The flowers are 0.7–1.4 cm in diameter with five pale pink or white (rarely yellow) petals, and reflect UV light. It has a raceme inflorescence, in which its flowers branch off of the shoot. The individual flowers bloom for three days, although the five stamens on each flower are only active for a single day. Flowering occurs between March and May depending on part of its range and weather. The seeds are between 0.2 and 0.3 cm in diameter and a shiny black. The seeds are released from the capsule fruit when it breaks open. Elaiosomes are present on the seeds and allow for ant dispersal.

Claytonia virginica is a cytologically complex taxon, including diploids with n=6, 7, 8 and 9, and tetraploids, hexaploids, octaploids and dodecaploids. The largest number of chromosomes (2n=ca. 191) was observed in the New York area.

==Habitat and range==
Springbeauty is found in the Eastern temperate deciduous forest of North America. It is noted for its abundance throughout many parts of its range, especially in forests. The plant can be found throughout many different habitat types including lawns, city parks, forests, roadsides, wetlands, bluffs, and ravines.

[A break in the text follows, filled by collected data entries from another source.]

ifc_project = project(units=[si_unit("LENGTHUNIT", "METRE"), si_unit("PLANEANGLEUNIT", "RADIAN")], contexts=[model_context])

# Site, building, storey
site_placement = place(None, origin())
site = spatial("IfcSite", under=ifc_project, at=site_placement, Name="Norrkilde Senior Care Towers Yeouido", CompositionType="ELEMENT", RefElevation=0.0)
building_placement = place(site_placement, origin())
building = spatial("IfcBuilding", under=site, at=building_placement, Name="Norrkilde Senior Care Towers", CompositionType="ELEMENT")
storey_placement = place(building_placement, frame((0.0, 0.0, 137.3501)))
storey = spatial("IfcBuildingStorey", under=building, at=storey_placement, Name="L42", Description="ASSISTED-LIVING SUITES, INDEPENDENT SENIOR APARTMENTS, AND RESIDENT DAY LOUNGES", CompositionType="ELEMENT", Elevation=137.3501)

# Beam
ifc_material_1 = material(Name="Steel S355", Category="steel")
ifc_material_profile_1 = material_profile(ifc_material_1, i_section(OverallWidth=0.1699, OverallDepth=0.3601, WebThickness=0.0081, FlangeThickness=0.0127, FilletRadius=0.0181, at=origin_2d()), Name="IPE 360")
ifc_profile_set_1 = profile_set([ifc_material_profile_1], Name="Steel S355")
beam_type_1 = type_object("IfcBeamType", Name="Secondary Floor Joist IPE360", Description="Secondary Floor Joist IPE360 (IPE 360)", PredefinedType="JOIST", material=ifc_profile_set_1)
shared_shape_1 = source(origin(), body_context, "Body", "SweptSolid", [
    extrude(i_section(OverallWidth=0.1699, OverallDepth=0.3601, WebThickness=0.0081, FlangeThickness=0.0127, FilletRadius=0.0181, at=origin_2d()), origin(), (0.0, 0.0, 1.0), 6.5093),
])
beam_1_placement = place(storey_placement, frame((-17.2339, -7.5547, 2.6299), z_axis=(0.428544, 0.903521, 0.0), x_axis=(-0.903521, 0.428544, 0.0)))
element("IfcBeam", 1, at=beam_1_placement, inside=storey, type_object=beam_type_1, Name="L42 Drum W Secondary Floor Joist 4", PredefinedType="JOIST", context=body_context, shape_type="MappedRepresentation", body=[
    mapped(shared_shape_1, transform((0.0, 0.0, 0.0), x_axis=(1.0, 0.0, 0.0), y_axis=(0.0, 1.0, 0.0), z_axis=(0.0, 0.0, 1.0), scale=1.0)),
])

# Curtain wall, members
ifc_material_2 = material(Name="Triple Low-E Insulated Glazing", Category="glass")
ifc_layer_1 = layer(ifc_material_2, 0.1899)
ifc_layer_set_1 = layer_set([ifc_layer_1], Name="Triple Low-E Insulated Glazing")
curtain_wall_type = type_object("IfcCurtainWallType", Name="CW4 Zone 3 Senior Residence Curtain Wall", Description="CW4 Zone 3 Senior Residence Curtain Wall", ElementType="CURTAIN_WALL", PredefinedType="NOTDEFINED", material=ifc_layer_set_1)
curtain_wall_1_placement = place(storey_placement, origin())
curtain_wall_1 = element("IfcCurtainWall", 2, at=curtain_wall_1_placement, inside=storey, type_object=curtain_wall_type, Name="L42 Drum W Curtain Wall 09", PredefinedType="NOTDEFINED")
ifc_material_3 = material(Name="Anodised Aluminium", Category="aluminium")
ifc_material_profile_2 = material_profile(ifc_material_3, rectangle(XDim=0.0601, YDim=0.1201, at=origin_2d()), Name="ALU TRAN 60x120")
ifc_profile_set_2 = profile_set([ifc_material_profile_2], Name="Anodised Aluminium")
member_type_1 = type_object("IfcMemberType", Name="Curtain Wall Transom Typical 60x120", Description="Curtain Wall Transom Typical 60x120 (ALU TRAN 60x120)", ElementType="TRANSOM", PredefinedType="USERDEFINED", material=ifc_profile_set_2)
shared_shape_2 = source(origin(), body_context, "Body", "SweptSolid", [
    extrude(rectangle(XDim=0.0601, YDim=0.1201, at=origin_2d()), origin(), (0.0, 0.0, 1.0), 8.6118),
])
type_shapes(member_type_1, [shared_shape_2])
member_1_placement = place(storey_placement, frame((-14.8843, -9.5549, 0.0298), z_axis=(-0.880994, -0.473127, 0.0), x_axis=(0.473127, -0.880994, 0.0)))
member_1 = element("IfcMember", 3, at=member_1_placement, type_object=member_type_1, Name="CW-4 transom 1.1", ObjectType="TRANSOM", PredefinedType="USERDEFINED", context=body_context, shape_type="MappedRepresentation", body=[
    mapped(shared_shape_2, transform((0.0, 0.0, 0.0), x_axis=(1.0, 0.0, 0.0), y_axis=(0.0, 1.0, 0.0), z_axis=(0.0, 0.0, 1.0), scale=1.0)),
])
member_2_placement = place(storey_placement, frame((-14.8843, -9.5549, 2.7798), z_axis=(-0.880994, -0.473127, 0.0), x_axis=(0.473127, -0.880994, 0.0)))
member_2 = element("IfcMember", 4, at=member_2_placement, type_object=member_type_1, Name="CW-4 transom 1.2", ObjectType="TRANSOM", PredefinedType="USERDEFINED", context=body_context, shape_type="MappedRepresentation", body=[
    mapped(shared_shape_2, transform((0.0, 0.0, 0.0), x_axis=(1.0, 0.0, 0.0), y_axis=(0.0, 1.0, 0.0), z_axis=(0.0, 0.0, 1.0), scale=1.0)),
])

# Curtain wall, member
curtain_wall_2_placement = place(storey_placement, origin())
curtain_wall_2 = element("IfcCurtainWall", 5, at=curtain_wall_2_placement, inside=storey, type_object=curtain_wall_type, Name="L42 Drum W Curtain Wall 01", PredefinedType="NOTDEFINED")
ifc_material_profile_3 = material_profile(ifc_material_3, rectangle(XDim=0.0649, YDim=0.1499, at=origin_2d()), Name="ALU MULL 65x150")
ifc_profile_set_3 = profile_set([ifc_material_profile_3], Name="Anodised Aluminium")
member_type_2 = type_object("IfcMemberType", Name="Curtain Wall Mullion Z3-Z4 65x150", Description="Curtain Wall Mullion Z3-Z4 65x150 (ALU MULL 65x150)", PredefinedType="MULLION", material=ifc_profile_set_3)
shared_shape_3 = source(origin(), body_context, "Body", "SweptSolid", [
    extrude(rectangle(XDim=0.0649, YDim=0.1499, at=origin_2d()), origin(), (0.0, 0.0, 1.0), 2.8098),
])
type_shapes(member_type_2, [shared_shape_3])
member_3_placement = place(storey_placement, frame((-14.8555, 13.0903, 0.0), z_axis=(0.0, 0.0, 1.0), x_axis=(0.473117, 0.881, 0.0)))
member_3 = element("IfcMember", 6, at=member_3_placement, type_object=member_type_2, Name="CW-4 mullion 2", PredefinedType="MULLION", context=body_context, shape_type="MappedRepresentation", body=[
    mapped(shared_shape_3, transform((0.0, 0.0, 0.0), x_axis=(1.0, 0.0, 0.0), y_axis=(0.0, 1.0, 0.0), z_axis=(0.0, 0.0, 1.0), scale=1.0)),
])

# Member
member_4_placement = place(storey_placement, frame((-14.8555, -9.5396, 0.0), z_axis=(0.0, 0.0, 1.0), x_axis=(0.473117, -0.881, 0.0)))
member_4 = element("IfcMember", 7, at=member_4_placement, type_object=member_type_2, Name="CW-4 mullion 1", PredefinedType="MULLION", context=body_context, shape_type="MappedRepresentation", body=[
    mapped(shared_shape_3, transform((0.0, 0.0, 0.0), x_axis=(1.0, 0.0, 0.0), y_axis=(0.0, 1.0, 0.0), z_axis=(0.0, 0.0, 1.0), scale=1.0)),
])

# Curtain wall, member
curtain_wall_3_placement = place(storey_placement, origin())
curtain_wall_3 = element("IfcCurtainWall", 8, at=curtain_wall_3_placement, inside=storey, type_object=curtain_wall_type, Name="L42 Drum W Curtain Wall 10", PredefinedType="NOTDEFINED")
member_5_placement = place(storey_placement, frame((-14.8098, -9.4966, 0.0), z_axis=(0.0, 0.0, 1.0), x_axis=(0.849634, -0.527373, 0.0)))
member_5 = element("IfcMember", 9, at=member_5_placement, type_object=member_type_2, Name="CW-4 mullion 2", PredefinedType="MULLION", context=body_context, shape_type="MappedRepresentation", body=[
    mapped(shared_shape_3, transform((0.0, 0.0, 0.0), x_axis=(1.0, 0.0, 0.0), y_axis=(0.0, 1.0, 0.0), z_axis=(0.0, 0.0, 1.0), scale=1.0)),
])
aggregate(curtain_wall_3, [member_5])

==Hammond's yellow spring beauty==
Hammond's yellow spring beauty, Claytonia virginica var. hammondiae, is a varietal with a very small range and population in a few areas of Northwestern New Jersey.

==Uses==
This plant has been used medicinally by the Iroquois, who would give a cold infusion or decoction of the powdered roots to children suffering from convulsions. They would also eat the raw roots believing that they permanently prevented conception. They would also eat the roots as food, as would the Algonquin people, who cooked them like potatoes. The bulbs are rich in starch. When they are cooked, the taste has been described to be similar to chestnuts, while when raw, it has been said to taste like radishes. The roots are rich in vitamin A and C.

Spring beauty corms along with the entire above ground portion of the plant are safe for human consumption. The leaves can be cooked in salted water or steamed, although are not choice eating.